(I say dear, but that’s just courtesy, you’re an awful person)
When we met for the last time I wasn’t sure what to expect. I thought maybe you’d changed a bit. That was stupid, you’re still the same selfish, narcissistic egotistical you’ve always been.
Your idea of closure was to fill my head with the same crap you always did: That I’m unbalanced, that I need to pull myself together, etcetera. That’s not true at all. I’m fine, you made me unbalanced. You always did. You never wanted to talk about anything, you would just let it build up until I got upset so that you could blame me for everything. Exactly what you did when we talked. You just picked apart my personal issues and made me feel terrible for your own actions. I shut down because you went straight back to the way you were before we met. Because I was heartbroken, because you hurt.me, and you couldn’t even understand that. I’m questioning as to whether you actually loved me to begin with.

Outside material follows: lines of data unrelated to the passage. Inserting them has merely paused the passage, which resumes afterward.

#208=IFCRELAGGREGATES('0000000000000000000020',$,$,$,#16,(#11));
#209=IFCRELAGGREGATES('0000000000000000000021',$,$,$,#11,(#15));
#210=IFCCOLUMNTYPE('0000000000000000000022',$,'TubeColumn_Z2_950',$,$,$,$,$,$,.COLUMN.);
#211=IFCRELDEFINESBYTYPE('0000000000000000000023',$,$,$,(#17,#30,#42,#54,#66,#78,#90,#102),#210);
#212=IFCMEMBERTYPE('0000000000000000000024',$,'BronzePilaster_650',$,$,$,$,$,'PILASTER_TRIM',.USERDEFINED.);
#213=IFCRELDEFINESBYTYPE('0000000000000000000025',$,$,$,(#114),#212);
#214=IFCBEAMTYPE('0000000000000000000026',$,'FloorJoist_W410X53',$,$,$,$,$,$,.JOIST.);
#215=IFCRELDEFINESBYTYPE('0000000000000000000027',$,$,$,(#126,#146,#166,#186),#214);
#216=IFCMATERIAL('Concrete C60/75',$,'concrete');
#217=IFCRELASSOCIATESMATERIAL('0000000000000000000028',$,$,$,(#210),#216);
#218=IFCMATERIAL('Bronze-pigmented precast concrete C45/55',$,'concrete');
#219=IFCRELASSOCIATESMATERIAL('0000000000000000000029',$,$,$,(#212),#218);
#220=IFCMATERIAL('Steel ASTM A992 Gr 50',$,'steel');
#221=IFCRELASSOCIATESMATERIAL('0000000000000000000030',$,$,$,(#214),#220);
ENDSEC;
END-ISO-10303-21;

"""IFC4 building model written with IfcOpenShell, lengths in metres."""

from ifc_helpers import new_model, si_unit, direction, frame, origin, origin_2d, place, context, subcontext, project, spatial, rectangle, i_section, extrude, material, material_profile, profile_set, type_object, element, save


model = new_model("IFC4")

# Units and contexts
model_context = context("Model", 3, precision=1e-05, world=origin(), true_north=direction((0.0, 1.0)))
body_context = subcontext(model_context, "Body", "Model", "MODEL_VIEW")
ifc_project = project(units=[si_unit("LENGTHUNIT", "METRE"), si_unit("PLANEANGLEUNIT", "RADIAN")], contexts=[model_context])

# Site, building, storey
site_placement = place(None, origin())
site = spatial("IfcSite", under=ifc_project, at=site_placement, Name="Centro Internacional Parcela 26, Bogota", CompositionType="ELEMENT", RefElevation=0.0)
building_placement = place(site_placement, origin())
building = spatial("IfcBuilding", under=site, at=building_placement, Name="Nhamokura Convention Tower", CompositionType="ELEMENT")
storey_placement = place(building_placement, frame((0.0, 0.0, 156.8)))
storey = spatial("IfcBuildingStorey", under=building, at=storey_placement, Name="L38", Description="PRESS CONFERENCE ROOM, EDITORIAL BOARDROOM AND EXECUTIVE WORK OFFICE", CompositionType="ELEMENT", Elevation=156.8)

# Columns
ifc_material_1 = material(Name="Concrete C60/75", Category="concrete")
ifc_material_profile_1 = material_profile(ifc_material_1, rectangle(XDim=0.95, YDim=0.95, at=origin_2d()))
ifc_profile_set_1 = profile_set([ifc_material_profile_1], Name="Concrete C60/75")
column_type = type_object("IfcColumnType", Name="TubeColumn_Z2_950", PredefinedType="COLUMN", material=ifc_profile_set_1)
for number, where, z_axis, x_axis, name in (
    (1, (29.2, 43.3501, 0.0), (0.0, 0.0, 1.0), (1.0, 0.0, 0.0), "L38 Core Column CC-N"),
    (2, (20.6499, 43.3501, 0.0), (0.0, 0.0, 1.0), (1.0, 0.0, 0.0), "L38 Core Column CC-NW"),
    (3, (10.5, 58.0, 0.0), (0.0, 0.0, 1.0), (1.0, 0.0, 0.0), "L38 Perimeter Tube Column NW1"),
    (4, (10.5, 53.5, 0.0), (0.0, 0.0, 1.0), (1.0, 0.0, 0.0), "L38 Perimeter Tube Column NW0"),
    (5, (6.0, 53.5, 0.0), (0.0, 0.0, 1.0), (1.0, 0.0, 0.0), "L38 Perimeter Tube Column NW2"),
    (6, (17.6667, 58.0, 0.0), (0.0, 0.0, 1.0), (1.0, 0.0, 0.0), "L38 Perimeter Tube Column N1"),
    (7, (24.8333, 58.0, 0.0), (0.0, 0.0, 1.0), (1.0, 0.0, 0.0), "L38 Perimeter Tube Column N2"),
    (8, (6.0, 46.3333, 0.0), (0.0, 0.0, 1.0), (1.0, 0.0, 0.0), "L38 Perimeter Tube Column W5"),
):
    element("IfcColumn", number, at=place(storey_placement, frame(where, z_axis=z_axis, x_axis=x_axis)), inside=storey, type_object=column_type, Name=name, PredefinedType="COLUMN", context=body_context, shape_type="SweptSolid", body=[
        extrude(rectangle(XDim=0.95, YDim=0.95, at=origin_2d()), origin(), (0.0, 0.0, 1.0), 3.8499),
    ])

I am glad that you seem to be doing well, and that youreally grateful I treated you well, but it won’t last. You’ve gone back to a partner who treated you like dirt, and nothing is going to change this time. My hope is that he breaks your heart the way you broke mine, so that you know what it feels like when you play with someone’s feelings like that.
The only thing I got out of meeting with you was that your really are the awful person I thought you were. You insulted me, you tore me down, and you made me feel small. I regret ever letting you in to my life.
So take care of yourself. If there’s anyone who needs to learn how it’s you. Not me.
Have a nice life.
Don’t take it as a personal affront that you couldn’t physically satisfy me. That’s not something I need to work on, that just means you’re a selfish lover. If anything I should feel insulted.